Social Chemistry 101: Learning to Reason about Social and Moral Norms (2011.00620v3)

Abstract: Social norms -- the unspoken commonsense rules about acceptable social behavior -- are crucial in understanding the underlying causes and intents of people's actions in narratives. For example, underlying an action such as "wanting to call cops on my neighbors" are social norms that inform our conduct, such as "It is expected that you report crimes." We present Social Chemistry, a new conceptual formalism to study people's everyday social norms and moral judgments over a rich spectrum of real life situations described in natural language. We introduce Social-Chem-101, a large-scale corpus that catalogs 292k rules-of-thumb such as "it is rude to run a blender at 5am" as the basic conceptual units. Each rule-of-thumb is further broken down with 12 different dimensions of people's judgments, including social judgments of good and bad, moral foundations, expected cultural pressure, and assumed legality, which together amount to over 4.5 million annotations of categorical labels and free-text descriptions. Comprehensive empirical results based on state-of-the-art neural models demonstrate that computational modeling of social norms is a promising research direction. Our model framework, Neural Norm Transformer, learns and generalizes Social-Chem-101 to successfully reason about previously unseen situations, generating relevant (and potentially novel) attribute-aware social rules-of-thumb.

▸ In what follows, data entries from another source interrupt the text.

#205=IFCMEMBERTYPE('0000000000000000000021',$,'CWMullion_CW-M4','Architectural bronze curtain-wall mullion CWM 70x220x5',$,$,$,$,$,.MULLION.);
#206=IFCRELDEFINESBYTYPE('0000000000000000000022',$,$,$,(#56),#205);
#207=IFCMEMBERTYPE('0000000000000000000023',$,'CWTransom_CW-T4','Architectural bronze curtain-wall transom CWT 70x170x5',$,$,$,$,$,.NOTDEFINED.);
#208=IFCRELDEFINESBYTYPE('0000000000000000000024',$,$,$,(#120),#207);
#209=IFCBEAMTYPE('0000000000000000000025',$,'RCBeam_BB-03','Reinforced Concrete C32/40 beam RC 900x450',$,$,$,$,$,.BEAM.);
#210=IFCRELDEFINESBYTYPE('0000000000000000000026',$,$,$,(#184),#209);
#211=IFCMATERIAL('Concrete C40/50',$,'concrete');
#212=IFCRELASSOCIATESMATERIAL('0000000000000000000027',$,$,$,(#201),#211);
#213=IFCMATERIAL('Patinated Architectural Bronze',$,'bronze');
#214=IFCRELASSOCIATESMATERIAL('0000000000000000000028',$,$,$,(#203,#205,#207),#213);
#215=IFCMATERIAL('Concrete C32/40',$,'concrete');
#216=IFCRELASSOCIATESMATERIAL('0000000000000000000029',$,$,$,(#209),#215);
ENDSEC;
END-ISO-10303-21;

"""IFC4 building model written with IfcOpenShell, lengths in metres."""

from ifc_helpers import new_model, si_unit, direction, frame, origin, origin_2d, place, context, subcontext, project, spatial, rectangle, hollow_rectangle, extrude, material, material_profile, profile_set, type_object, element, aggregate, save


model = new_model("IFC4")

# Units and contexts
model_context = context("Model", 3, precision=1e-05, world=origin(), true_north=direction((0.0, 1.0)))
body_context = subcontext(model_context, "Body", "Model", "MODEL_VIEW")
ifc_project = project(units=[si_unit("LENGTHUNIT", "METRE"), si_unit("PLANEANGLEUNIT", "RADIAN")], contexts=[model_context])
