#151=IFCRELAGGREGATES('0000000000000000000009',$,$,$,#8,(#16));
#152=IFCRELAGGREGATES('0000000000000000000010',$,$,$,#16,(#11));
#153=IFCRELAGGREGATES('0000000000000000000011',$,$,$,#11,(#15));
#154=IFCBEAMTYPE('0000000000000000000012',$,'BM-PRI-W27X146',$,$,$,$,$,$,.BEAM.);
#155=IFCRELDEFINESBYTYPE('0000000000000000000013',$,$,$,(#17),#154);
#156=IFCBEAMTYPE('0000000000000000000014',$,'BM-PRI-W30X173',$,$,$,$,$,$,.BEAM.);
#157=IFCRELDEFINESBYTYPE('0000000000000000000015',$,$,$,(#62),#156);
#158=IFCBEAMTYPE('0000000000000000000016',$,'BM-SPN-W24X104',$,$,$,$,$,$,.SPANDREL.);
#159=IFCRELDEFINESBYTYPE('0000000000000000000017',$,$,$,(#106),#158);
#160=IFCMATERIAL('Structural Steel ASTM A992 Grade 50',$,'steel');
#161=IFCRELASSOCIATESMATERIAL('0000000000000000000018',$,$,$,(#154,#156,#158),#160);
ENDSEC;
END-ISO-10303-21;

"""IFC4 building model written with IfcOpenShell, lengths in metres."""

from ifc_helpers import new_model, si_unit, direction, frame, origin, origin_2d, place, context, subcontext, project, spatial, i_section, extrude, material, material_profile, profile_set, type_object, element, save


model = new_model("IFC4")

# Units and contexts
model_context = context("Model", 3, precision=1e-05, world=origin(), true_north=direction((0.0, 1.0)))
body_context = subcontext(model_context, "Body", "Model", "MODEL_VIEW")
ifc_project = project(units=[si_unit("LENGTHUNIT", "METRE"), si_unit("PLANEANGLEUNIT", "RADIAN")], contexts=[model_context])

An Overview of Social Chemistry 101: Learning to Reason about Social and Moral Norms

The paper presented in "Social Chemistry 101: Learning to Reason about Social and Moral Norms" undertakes the significant task of modeling human norms—specifically, the social and moral norms that permeate everyday interactions and narratives. Norms are imperative for comprehending social behaviors, providing unspoken rules that guide human interaction. This paper introduces Social Chemistry as a novel framework for understanding such norms, proposing a systematic way to catalog these social expectations through intuitive and applicable rules-of-thumb (RoTs).

Core Contributions

1. Social-Chem-101 Corpus: This work introduces the Social-Chem-101 corpus, encompassing 292,000 rules-of-thumb across a wide array of social contexts. These are derived from 104,000 real-world situations, amassing over 4.5 million annotations. Each rule provides an evaluation or judgment about a social action, grounded through 12 distinct dimensions such as moral judgment, legality, and cultural pressure.
2. Neural Norm Transformer: The authors present a model built on state-of-the-art neural LLMs equipped to generate and reason about these RoTs. The model, termed the Neural Norm Transformer, learns from the Social-Chem-101 corpus to predict norms applicable to unseen situations.
3. Rule-of-Thumb Breakdown: Each RoT is decomposed into actions and judged across multiple dimensions, revealing perspectives that help illuminate why a particular norm is applied to a scenario. By disaggregating each RoT in terms of key attributes, this paper provides an enriched understanding of social norms.

Empirical Results and Challenges

The research showcases state-of-the-art approaches, utilizing architectures like GPT-2, BART, and T5. The authors conduct extensive experiments investigating how these models can predict plausible norms. Although these models articulated relevant RoTs and actions, the comprehensive conditioning on multiple attributes poses substantial difficulties. Human evaluations highlighted a range of scores, illustrating that despite progress, AI systems still grapple with the intricate task of adhering to varied conditional constraints in language understanding and generation.

Theoretical and Practical Implications

The implications of this research are multifaceted. Theoretically, Social Chemistry frameworks promise new insights into the intersection of computational linguistics, social psychology, and ethical reasoning. Practically, the development of AI systems that understand and respect social norms holds potential for applications in areas ranging from dialogue systems to human-AI collaboration tools. However, it is noteworthy that social norms can be culturally sensitive, emphasizing the need for careful cultural contextualization in training datasets and models.

Future Directions

Speculation on future directions stemming from this research includes the expansion of the Social-Chem-101 framework to encompass diverse cultural norms and the refinement of neural models that accurately capture the multi-dimensionality of social rules across varied contexts. Moreover, integrating such models into practical systems requires addressing biases, ensuring fairness, and maintaining ethical considerations.

In summary, "Social Chemistry 101" presents a compelling exploration into the computational modeling of social norms, providing foundational resources and methodologies that mirror the complexities and nuances intrinsic to human social interactions.